このような場合であっても、試験治具40は、弧状試験片8を支持することができる。具体的には、上部材40OU、40INと、下部材41OU、40INとの位置を別個に調整する。これにより、上部材40OU及び40INの先端部分13を弧状試験片8の上部8Aと接触させることができ、下部材41OU及び41INの先端部分13を弧状試験片8の下部8Bと接触させることができる。そのため、弧状試験片8が目違いを有していても、応力試験中に座屈が生じにくい。
以上、本発明の実施の形態を説明したが、上述した実施の形態は本発明を実施するための例示に過ぎない。
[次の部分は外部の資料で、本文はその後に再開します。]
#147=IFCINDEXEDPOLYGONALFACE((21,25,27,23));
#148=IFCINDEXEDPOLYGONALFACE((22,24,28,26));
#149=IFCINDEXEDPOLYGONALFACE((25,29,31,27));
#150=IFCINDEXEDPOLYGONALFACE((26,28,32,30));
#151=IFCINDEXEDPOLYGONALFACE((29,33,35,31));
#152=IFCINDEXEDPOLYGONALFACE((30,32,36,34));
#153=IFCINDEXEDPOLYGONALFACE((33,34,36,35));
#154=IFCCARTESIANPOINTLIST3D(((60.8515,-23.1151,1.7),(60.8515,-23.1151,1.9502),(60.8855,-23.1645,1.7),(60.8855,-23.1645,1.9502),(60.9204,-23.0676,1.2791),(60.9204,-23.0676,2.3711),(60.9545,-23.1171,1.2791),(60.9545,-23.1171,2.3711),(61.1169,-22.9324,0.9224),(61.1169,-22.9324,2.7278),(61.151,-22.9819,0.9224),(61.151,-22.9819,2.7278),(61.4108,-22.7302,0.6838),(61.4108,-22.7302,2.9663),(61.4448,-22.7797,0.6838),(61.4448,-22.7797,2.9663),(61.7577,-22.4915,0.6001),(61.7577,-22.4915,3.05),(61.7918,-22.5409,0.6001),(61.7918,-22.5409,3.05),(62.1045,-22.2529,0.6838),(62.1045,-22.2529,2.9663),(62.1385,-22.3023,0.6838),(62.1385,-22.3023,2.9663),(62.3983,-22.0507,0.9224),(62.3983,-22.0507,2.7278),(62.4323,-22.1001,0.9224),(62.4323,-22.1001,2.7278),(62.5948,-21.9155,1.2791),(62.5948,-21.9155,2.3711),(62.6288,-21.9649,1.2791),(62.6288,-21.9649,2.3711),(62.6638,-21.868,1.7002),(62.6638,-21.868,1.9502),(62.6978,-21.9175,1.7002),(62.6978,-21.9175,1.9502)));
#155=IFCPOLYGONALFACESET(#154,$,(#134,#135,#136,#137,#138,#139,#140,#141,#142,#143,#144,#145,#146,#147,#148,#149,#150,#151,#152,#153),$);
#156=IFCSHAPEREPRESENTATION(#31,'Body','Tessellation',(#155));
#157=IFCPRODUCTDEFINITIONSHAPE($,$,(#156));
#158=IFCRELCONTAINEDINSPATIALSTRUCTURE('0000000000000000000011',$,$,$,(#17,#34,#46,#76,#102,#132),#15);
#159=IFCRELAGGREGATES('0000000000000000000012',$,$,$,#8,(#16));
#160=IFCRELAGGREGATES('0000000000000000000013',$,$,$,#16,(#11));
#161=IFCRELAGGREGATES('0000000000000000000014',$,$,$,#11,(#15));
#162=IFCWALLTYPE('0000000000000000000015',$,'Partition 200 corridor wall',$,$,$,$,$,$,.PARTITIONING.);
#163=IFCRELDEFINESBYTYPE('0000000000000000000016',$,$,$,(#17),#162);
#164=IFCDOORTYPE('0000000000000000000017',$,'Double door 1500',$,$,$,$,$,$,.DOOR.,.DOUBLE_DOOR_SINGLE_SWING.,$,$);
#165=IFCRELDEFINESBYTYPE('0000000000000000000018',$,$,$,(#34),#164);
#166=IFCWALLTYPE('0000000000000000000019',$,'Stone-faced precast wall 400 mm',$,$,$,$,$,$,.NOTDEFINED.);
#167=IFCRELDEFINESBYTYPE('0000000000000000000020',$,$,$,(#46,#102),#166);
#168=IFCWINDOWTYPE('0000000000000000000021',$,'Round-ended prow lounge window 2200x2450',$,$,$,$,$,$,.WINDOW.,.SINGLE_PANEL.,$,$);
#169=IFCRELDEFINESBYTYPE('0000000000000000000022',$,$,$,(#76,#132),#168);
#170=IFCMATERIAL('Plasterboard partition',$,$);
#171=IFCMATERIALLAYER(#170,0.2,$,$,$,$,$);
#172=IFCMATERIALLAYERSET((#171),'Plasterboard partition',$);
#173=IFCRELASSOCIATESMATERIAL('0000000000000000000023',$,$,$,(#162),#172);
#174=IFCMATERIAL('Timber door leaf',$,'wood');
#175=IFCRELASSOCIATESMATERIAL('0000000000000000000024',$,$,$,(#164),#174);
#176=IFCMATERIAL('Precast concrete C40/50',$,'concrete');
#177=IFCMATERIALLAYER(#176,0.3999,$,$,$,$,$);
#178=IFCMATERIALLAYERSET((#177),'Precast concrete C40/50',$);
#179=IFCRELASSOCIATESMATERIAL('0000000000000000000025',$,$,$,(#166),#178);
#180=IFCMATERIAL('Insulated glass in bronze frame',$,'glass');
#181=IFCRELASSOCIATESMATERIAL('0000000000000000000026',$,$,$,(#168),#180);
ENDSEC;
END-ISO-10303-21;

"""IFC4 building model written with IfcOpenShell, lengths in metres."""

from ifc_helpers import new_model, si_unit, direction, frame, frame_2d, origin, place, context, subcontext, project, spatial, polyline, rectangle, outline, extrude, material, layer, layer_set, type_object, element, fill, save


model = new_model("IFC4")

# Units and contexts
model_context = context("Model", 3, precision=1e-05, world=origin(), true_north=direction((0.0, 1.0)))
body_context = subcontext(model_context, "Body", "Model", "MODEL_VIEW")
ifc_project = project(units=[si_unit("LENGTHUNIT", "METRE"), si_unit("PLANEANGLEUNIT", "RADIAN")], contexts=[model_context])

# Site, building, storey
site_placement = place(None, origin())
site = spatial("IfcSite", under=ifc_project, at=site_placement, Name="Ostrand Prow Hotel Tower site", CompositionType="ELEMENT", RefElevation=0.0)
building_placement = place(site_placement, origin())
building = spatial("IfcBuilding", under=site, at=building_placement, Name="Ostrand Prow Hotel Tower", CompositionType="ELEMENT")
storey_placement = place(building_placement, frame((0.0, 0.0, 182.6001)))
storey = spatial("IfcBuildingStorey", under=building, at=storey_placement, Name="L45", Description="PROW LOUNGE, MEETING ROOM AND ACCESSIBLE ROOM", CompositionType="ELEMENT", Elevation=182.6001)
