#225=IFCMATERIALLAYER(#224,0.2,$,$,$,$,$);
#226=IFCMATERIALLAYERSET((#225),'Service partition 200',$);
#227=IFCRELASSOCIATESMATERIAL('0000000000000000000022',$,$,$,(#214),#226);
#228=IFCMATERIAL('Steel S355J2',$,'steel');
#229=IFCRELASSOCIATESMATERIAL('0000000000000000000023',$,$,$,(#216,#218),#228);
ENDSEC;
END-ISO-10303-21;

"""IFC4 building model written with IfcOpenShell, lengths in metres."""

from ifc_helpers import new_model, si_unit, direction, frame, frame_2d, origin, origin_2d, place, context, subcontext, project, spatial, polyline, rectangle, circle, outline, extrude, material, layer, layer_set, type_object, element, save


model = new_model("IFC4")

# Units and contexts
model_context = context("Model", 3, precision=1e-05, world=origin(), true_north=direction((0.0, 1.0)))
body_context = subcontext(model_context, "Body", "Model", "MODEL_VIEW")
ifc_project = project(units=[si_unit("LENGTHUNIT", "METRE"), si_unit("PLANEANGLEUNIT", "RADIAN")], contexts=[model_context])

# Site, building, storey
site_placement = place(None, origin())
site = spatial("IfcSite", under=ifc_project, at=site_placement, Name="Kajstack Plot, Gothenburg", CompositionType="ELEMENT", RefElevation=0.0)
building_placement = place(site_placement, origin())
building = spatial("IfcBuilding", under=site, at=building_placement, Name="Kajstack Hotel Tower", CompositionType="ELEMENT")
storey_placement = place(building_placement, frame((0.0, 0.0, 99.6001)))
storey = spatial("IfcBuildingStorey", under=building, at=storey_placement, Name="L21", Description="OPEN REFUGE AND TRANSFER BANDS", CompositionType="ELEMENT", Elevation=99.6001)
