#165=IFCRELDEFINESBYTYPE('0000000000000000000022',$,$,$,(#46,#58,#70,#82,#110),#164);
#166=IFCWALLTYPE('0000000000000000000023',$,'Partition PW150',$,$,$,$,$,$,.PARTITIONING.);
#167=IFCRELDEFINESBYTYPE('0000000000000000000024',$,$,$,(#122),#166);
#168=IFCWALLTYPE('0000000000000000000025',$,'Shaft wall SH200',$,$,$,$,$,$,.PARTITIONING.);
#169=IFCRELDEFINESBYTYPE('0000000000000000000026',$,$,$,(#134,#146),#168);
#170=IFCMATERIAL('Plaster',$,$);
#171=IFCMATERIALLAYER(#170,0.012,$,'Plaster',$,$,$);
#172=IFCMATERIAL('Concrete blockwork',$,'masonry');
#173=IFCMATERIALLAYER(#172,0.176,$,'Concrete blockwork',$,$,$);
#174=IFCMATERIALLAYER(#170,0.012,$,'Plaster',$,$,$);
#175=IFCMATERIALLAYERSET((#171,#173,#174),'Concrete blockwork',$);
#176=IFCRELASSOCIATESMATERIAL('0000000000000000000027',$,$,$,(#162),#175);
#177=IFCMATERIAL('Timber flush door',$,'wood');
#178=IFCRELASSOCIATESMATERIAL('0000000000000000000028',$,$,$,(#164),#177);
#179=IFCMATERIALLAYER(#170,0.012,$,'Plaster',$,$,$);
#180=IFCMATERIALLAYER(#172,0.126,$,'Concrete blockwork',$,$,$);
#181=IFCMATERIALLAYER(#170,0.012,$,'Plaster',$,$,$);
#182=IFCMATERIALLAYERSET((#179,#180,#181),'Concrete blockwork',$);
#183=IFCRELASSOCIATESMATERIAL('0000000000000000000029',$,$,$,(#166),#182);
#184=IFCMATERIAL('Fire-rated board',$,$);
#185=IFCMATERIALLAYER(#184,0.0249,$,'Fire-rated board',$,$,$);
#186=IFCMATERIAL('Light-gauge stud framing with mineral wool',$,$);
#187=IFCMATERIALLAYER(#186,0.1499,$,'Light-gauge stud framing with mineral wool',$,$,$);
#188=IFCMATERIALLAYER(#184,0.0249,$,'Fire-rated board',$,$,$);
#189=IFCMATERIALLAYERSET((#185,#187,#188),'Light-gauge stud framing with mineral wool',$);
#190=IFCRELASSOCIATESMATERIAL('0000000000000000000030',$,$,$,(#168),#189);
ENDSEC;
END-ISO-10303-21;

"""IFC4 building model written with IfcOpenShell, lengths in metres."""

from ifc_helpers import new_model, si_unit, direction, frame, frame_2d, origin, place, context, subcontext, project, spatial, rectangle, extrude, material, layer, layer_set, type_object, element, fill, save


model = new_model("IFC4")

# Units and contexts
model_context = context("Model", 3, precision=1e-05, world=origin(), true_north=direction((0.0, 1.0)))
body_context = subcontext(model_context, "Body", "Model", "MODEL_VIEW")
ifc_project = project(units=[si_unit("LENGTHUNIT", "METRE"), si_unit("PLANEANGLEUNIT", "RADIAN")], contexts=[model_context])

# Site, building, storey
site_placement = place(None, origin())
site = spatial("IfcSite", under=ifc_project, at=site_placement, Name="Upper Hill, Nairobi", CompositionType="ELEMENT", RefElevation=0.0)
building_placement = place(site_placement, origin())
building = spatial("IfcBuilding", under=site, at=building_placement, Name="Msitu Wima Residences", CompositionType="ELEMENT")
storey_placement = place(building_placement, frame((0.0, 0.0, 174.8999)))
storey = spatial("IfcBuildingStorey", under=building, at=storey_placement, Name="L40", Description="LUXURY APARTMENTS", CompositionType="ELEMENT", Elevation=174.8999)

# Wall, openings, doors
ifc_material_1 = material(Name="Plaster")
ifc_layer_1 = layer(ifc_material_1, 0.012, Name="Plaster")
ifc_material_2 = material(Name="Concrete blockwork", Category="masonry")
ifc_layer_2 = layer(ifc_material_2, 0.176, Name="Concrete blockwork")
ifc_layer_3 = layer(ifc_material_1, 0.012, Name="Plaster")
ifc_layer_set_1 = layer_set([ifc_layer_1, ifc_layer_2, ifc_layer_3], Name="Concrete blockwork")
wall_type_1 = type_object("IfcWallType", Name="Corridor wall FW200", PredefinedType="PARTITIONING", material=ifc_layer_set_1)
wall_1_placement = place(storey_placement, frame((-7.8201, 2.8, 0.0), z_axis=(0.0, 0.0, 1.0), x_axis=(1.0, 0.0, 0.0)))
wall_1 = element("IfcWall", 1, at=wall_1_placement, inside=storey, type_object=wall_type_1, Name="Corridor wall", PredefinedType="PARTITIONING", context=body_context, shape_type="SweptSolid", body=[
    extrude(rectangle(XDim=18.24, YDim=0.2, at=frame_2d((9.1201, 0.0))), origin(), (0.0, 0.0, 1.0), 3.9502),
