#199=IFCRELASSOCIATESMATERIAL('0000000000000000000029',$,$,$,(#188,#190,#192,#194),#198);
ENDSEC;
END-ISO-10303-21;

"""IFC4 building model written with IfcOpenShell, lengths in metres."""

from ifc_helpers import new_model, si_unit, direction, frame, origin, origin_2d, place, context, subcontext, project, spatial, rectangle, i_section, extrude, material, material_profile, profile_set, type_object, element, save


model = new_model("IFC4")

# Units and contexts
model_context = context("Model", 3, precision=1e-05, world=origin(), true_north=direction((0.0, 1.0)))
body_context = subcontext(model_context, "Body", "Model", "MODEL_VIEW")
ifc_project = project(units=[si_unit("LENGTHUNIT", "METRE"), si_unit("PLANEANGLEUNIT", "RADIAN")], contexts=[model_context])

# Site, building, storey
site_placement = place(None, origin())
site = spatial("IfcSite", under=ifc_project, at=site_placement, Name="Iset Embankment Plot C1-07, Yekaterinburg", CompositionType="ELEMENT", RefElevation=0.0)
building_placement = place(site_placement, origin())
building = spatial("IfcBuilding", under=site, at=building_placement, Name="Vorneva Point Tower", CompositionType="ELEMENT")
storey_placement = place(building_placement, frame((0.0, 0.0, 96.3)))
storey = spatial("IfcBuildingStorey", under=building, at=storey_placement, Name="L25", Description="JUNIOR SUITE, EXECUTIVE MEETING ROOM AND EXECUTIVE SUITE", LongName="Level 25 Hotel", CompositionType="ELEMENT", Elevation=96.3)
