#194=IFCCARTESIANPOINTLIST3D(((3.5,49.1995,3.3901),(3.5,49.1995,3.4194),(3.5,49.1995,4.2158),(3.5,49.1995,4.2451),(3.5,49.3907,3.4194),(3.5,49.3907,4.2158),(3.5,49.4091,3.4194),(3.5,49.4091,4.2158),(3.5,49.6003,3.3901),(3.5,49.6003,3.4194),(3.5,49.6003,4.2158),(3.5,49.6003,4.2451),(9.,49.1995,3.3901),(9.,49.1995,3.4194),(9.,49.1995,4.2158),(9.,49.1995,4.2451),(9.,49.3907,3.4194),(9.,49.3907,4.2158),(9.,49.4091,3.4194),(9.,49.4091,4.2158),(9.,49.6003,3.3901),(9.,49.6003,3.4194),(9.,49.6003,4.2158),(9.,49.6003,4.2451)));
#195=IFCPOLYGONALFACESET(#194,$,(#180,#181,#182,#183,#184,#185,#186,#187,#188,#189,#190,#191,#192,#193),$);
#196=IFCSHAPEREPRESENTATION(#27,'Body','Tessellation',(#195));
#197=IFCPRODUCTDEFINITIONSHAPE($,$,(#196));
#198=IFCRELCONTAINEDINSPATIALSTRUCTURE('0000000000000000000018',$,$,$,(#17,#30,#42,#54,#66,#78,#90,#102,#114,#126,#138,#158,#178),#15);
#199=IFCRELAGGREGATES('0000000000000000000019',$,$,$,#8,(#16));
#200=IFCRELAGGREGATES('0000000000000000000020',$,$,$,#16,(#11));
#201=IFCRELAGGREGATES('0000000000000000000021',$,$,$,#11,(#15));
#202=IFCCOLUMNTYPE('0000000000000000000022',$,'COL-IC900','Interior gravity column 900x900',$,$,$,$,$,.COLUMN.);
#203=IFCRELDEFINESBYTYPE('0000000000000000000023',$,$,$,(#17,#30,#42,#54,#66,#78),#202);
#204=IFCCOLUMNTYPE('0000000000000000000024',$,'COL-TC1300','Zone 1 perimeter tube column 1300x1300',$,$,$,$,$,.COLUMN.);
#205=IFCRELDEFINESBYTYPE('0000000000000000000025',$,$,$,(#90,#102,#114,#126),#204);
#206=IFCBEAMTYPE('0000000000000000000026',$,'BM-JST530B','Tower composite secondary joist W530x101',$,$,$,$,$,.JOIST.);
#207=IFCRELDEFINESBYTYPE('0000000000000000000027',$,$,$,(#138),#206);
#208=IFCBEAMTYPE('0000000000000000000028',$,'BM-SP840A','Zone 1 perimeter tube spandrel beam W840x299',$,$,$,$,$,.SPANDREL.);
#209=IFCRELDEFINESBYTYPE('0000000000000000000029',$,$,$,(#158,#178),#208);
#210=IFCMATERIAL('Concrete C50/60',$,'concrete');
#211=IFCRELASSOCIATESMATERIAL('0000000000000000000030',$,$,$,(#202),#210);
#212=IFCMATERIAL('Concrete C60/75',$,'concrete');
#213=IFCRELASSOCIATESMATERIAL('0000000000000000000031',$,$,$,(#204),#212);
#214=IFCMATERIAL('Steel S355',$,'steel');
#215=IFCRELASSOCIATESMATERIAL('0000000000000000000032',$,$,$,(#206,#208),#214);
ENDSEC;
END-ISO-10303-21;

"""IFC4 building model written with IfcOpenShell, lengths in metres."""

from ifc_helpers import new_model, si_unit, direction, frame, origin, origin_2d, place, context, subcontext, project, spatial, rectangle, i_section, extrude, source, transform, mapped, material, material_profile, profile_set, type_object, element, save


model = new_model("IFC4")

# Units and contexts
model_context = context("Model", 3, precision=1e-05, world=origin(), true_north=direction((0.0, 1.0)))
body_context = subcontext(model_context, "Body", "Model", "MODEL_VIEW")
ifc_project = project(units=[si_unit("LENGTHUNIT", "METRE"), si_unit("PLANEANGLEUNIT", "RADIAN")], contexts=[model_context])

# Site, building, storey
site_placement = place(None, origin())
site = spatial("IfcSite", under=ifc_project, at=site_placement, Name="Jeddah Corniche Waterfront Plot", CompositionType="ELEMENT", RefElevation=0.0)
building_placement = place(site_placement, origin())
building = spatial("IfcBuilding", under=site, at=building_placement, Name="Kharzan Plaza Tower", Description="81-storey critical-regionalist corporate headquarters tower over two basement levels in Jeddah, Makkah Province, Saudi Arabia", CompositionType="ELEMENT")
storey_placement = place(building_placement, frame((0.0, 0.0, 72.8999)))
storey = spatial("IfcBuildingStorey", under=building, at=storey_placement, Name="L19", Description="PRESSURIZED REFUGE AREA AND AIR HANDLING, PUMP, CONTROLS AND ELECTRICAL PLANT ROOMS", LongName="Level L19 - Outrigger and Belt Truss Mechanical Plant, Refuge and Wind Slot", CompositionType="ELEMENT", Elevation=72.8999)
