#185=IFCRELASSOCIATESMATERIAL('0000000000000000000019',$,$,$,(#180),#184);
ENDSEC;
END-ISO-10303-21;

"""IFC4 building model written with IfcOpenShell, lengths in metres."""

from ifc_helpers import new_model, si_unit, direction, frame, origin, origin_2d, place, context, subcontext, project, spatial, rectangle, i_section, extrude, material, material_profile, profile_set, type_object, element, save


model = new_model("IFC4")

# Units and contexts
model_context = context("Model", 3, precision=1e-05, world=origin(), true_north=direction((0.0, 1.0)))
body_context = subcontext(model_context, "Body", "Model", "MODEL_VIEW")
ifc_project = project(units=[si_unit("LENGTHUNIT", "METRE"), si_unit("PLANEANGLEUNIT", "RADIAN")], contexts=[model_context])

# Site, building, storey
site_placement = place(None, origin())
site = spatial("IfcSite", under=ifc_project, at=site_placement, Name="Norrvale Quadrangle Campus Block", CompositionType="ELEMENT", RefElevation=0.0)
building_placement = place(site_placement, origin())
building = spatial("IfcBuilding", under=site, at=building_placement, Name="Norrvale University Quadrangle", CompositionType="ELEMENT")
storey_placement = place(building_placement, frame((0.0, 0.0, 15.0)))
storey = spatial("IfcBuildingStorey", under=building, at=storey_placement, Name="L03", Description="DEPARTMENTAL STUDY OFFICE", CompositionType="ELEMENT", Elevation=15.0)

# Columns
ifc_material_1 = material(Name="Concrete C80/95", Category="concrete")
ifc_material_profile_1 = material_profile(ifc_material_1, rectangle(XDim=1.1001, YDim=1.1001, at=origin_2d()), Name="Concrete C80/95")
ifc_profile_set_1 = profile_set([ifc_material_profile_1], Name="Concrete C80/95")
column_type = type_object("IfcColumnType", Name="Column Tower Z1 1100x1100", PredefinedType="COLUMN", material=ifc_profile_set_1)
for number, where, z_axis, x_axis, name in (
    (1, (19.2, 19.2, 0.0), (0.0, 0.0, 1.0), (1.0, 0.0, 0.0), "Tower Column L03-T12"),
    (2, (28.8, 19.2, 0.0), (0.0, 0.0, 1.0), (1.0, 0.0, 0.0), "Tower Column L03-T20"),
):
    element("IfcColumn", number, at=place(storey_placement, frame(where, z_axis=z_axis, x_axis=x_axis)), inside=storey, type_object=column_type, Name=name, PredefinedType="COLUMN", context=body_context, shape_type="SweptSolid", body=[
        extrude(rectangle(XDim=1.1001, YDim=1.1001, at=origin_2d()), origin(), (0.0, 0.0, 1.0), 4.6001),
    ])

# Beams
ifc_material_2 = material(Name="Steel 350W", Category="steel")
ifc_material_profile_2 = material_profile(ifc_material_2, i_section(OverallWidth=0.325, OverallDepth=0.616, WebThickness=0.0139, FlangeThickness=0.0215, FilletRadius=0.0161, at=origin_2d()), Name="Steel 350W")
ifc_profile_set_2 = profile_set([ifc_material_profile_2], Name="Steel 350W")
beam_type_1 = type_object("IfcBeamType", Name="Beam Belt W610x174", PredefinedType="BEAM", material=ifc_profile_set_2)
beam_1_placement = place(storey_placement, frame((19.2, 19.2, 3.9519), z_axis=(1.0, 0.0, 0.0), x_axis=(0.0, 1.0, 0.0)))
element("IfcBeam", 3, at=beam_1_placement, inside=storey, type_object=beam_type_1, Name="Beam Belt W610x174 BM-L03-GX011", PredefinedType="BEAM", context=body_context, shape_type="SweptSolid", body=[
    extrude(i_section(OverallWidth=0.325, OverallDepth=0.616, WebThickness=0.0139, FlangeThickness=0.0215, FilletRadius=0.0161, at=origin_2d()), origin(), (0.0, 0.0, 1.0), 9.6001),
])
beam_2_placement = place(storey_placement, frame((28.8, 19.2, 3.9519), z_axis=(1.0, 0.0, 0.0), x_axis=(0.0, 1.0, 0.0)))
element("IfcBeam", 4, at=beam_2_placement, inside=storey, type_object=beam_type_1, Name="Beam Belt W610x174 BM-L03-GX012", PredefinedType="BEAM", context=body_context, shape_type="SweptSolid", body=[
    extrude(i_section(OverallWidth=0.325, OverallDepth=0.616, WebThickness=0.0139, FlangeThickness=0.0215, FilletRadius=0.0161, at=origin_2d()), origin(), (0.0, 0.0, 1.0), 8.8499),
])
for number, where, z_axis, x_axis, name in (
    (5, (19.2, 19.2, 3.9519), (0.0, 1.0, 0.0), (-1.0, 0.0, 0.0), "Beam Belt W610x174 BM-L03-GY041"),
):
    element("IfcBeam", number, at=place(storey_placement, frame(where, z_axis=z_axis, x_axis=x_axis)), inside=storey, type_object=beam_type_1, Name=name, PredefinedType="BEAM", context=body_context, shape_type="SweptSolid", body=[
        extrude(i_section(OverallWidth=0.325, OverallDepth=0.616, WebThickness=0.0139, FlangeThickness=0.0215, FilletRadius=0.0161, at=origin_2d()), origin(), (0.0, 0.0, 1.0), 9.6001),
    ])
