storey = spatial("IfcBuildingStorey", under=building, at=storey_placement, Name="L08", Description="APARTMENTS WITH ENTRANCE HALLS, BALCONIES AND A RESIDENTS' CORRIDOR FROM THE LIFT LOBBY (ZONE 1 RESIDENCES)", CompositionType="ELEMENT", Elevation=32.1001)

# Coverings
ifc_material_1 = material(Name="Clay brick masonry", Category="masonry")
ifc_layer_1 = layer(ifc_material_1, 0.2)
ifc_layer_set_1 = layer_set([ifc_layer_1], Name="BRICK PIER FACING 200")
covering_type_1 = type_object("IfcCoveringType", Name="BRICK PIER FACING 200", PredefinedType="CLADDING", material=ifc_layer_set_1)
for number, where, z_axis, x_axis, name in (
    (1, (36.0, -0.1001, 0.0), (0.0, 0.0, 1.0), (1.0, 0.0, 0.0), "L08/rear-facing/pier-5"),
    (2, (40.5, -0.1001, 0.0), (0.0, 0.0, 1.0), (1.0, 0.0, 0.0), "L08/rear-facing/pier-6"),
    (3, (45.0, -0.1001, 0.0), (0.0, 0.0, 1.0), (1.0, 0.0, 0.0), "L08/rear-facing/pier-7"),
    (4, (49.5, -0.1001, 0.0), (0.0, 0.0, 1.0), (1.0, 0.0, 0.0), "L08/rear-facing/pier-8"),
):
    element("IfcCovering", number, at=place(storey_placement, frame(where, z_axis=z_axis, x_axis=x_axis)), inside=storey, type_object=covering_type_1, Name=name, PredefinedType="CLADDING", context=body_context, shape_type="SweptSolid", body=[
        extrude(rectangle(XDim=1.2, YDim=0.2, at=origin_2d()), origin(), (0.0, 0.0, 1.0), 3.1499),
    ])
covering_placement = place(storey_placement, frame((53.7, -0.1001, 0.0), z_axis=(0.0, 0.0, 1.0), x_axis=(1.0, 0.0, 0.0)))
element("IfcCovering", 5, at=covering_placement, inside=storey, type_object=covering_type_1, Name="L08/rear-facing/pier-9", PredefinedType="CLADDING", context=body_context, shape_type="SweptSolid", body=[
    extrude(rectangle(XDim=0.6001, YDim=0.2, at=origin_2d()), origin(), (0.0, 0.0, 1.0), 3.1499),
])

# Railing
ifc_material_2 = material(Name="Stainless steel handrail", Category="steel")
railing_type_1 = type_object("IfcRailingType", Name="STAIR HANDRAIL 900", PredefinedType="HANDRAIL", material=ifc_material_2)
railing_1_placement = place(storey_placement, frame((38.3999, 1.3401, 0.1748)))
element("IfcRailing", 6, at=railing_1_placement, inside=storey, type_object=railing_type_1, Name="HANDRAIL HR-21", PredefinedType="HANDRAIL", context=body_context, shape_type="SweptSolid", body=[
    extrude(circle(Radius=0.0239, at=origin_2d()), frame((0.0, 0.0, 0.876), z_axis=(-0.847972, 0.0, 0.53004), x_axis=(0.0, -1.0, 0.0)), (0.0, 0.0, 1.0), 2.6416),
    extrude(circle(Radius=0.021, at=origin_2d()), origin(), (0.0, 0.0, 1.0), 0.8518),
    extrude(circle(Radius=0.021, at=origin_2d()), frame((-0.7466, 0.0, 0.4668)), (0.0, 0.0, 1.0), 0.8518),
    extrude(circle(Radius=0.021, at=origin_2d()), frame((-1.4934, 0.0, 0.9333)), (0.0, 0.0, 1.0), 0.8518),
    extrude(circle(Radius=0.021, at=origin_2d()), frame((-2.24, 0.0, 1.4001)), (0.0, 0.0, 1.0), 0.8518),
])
よって、本発明は上述した実施の形態に限定されることなく、その趣旨を逸脱しない範囲内で上述した実施の形態を適宜変形して実施することが可能である。
1,30 応力試験機
8 弧状試験片
8IN 内面
8OU 外面
10,40 試験治具
12 接触部材
12IN 内面接触部材
12OU 外面接触部材
13 先端部
14 ひずみセンサ
20 荷重付与機構

Claims (12)

  1. 軸方向に圧縮荷重が付与される弧状試験片に用いられる試験治具であって、
    前記弧状試験片に接触する先端部分を有する複数の接触部材を備え、
    前記複数の接触部材は、
    前記弧状試験片の外面において、前記弧状試験片の周方向に配列され、先端部分が互いに離れて配置される複数の外面接触部材と、
    前記弧状試験片の内面において、前記周方向に配列され、先端部分が互いに離れて配列され、かつ、外面接触部材の先端部分と対向する位置から前記周方向にずれて配置される複数の内面接触部材とを備える、試験治具。
  2. 請求項1に記載の試験治具であって、
    前記複数の外面接触部材及び内面接触部材の一方は、偶数個であり、他方は奇数個である、試験治具。
  3. 請求項1又は請求項2に記載の試験治具であって、
    前記外面接触部材及び内面接触部材の一方は、互いに隣り合う2つの他方の間に配置される、試験治具。
  4. 請求項1〜請求項3のいずれか1項に記載の試験治具であって、
    前記外面接触部材の個数と、前記内面接触部材の個数との差は1である、試験治具。
  5. 請求項1〜請求項4のいずれか1項に記載の試験治具であって、
    前記接触部材の前記先端部分は丸みを有する、試験治具。
  6. 請求項5に記載の試験治具であって、
    前記先端部分は、前記弧状試験片の軸方向に延びる、試験治具。
  7. 請求項6に記載の試験治具であって、
    前記先端部分は、前記弧状試験片の平行部よりも短い、試験治具。
  8. 請求項1〜請求項7のいずれか1項に記載の試験治具であって、
    前記外面接触部材の個数は、前記内面接触部材の個数よりも多い、試験治具。
  9. 請求項1〜請求項8のいずれか1項に記載の試験治具であって、
    前記接触部材は、
    前記弧状試験片の軸方向に並んで配置される第1及び第2先端部分と、
    前記第1先端部分を前記弧状試験片の厚さ方向に移動可能な第1調整部材と、
    前記第2先端部分を前記厚さ方向に移動可能な第2調整部材とを備える、試験治具。
  10. 請求項1〜請求項9に記載の試験治具と、
    前記弧状試験片の軸方向に圧縮荷重を付与する荷重付与機構とを備える、応力試験機。
  11. 請求項10に記載の応力試験機であってさらに、
    前記弧状試験片の外面及び内面のうち、隣り合う接触部材の先端部分の間の領域に配置されるひずみセンサを備える、応力試験機。
  12. 弧状試験片を準備する工程と、
    前記弧状試験片の外面において、複数の外面接触部材を前記弧状試験片の周方向に配列し、前記外面接触部材の先端部分を互いに離しながら前記外面と接触させる工程と、
    前記弧状試験片の内面において、複数の内面接触部材を前記周方向に配列し、かつ、前記内面接触部材の先端部分を互いに離しながら配置し、かつ、前記外面接触部材の先端部分と対向する位置から前記周方向にずらして配置して前記内面と接触させる工程と、
    前記外面接触部材及び内面接触部材と接触した弧状試験片の軸方向に圧縮荷重を付与する工程とを備える、応力試験方法。